Originally, James "Sonny" Crockett was to use a Browning BDA .45 ACP, an early import version of the SIG Sauer P220 in .45 ACP. The grips and markings to the right side of slide make this subtle difference evident in the pilot episode. He also carries a Detonics Pocket 9 chambered in 9mm Parabellum as a backup, tucked in his rear waistband near the small of his back. But it was later decided that a more state-of-the-art gun was to be used by Crockett. During the first season, he used a Bren Ten pistol carried in a Ted Blocker Lifeline shoulder holster rig. Due to Don Johnson's dissatisfaction with the Lifeline rig, the Jackass Leather Company (later renamed Galco International) Original Jackass Rig shoulder holster rig was personally fitted for him by Rick Gallagher, President of Galco. Finally the Galco Miami Classic shoulder holster was designed and used. The Bren Ten, manufactured by Dornaus & Dixon, was a stainless steel handgun notable as the first ever chambered in the powerful 10mm Auto caliber. The Bren Ten was originally manufactured as a two-tone weapon: the carbon steel slide was black oxide and frame was stainless steel. The model used in Miami Vice had a hard-chromed matte finished slide so that it showed up better during night shots. The pistol used in the show was chambered in .45 ACP, as 10mm Auto blanks were simply not available.

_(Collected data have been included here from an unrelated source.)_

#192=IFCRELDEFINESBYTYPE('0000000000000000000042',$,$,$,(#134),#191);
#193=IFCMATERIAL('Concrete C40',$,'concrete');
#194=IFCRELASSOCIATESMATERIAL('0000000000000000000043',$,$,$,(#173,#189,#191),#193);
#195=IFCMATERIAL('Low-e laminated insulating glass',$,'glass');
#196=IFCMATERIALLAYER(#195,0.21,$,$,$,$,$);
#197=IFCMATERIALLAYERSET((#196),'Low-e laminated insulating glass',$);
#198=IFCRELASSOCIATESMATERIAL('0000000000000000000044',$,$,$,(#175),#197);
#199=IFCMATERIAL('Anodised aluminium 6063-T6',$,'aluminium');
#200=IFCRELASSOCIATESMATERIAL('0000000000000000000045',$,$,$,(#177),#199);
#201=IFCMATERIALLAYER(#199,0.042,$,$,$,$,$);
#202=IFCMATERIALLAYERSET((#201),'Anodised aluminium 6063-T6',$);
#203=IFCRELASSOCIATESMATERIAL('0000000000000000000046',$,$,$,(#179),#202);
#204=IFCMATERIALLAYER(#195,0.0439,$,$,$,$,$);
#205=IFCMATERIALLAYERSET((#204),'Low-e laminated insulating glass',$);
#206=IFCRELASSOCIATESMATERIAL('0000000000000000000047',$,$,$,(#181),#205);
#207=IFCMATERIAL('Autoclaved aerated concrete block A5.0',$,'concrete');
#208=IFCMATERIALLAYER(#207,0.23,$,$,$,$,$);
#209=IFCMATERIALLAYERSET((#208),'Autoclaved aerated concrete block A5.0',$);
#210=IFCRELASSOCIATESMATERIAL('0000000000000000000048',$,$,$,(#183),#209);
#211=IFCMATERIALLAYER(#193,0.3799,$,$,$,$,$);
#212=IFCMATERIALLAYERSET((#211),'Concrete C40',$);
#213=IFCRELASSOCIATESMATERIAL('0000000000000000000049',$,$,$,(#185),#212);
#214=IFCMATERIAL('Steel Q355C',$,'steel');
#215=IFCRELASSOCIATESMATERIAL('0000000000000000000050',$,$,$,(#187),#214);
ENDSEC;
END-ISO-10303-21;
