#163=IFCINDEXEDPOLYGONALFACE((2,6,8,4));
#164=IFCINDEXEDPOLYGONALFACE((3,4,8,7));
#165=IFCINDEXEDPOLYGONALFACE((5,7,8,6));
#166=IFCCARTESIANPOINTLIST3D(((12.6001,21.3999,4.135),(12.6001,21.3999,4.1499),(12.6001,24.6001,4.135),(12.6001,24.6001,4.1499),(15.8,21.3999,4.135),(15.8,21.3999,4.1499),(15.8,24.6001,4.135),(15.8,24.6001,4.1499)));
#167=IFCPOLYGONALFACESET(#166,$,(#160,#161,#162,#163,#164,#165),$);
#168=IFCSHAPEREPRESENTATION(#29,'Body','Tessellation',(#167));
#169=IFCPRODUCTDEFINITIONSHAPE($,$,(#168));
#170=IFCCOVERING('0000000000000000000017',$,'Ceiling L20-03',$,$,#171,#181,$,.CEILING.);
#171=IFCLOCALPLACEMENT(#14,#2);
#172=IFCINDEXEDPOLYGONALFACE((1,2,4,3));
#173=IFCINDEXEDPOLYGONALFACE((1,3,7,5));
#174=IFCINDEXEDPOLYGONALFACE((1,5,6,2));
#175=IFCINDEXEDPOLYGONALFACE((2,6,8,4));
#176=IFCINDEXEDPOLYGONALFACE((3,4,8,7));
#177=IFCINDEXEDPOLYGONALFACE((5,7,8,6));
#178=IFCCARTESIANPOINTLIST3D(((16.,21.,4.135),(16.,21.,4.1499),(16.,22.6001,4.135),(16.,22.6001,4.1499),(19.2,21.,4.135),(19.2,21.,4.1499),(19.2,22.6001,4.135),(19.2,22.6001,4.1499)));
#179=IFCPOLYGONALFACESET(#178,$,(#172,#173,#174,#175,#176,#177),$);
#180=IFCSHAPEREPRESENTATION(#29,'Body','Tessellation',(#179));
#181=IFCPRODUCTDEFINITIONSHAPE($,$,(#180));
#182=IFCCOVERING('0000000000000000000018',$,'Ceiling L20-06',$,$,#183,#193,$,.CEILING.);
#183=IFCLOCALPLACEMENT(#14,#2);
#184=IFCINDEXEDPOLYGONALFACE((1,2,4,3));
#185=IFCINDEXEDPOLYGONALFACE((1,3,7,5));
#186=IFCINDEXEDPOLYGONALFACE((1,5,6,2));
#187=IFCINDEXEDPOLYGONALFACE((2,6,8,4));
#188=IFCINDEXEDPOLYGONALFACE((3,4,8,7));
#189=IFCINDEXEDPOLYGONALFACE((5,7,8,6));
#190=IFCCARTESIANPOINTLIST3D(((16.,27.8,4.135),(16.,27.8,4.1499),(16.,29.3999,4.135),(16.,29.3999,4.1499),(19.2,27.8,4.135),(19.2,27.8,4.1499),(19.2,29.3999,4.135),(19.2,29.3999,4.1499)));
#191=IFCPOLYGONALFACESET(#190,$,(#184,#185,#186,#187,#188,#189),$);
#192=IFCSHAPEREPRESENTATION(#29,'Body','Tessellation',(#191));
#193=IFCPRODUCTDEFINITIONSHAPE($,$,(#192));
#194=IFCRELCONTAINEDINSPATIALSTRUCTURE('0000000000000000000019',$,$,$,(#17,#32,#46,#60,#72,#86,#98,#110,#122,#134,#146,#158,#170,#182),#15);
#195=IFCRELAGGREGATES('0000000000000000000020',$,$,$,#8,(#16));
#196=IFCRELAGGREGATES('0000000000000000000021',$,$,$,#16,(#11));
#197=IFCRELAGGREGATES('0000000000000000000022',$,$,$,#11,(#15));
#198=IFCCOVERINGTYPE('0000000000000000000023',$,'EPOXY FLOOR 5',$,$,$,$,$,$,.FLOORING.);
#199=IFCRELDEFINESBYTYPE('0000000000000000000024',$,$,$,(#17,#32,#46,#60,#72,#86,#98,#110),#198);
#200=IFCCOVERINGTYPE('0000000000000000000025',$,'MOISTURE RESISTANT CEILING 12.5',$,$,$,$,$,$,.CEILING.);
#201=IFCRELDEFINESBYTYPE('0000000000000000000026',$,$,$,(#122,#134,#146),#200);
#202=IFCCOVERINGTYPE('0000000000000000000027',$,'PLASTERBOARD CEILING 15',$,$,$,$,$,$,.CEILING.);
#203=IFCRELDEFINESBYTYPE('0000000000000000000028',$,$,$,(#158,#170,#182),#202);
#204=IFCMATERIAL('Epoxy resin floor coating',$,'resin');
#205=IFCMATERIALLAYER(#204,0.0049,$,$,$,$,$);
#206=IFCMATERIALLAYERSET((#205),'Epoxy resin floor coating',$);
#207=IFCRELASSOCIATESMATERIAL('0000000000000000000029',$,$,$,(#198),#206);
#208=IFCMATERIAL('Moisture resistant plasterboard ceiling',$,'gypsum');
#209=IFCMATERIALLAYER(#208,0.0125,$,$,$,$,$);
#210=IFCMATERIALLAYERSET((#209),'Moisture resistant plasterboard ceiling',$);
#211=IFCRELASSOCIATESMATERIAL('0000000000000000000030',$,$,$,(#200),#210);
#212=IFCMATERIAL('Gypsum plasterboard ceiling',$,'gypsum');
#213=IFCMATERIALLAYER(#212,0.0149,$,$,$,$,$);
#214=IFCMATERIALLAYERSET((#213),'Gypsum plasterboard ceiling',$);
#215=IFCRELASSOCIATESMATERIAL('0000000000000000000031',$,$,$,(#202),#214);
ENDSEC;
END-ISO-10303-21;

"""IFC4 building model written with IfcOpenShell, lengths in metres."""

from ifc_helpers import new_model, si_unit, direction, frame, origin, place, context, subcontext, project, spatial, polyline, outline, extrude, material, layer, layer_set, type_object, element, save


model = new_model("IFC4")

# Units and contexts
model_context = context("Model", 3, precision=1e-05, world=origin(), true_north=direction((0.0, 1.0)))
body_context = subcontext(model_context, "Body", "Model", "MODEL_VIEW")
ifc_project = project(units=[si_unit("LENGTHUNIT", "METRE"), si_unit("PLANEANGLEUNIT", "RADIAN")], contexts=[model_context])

After the Dornaus & Dixon company went out of business in 1986, the product placement contract went to Smith & Wesson. Starting with the third season, Sonny used a 2nd Generation series Smith & Wesson Model 645. This was a full-sized 5-inch-barreled stainless steel service pistol in .45 ACP. Galco Gunleather again fashioned a Miami Classic shoulder holster for Johnson's new S&W 645 pistol. In the Galco Gunleather headquarters, there is a large display that contains the Miami Vice shoulder holster rig that Don Johnson wore, accompanied by an autographed photo of him. In late 1988 Smith & Wesson unveiled their new 3rd Generation Series of auto pistols, which coincided with the fifth and last season of the series; as the producers desired to keep Crockett as being seen to be on the cutting edge of weaponry, Sonny's Model 645 was replaced with the new Smith & Wesson Model 4506, also chambered in .45 ACP. This pistol had 20+ design improvements including a one piece arched grip. Sonny's 4506 can be seen in the beginning of the episode "Victim of Circumstance" when he is sitting in a cafe, looking at it. Sonny also carried a .45 ACP Detonics Combat-Master backup gun in an ankle holster on his left leg, replacing the Pocket 9 from the pilot episode. It can be seen in the bar scene shootout in the "Prodigal Son" episodes. Towards the climax of the two hour series finale episode "Freefall", Crockett can be seen standing at his open locker loading weapons for the episode's climax, when he puts on a padded ankle holster that is holding a Smith & Wesson 669, a compact alloy framed 9mm.

===Rico Tubbs===
Ricardo "Rico" Tubbs was armed with a sawed-off double-barreled shotgun in the first season. In Season 2, he used an Ithaca 37 sawed-off pump shotgun called an Ithaca Stakeout, which he carried on a halter under his jacket. Beginning in Season 3 (and for the remainder of the show), he carried a modified, short-barreled Remington 870. His primary sidearm was a Smith & Wesson Model 38 Bodyguard with Pachmayr grips. He can also be seen using a SIG P228 in the series finale "Freefall" and a Smith & Wesson Model 36 in the pilot episode.

===Stan Switek===
Stan Switek can be seen using a variety of weapons, including a nickel-plated 9mm Browning Hi-Power in "French Twist".

===Larry Zito===
Larry Zito mostly used a S&W 659 and a Mossberg 500 with police uniform in the pilot episode.

===Lt. Castillo===
Lt. Castillo used a Colt Trooper Mk V revolver in .357 Magnum. He also used a Smith & Wesson Model 19 revolver, a Smith & Wesson Model 686 revolver, a Smith & Wesson Model 586 revolver, a nickel-plated Smith & Wesson Model 29 revolver, and a Detonics Scoremaster pistol at various points during the series.

===Gina Calabrese===
Gina Calabrese mostly used a S&W Model 36 in .38 special.

===Trudy Joplin===
Trudy frequently used a S&W Model 36 in .38 Special and a Mossberg 500 shotgun with police uniform.

==Firearms in episodes==
For additional firepower when arresting heavily armed drug dealers, other weapons were occasionally used, including the Steyr AUG, M16 assault rifles, H&K MP5 submachine guns, and the Street-Sweeper shotgun. In Season 3 episode ("Cuba Libre"), one of the Cuban rebels carried a then brand-new Glock 17, which marked Glock's first ever appearance in media. One Season 4 episode ("A Bullet For Crockett") showed a drug dealer shooting at Crockett with a LAR Grizzly Win Mag after a car chase. One episode's plot ("Evan") was based on black market sales of MAC-10 submachine guns, and another episode, "Child's Play", dealt in part with the discovery of Belgian Browning Hi-Power pistols. Even heavy guns came to use, as Larry Zito is seen maneuvering an M60 machine gun from a rooftop in the episode "Lombard". (Season 1/22)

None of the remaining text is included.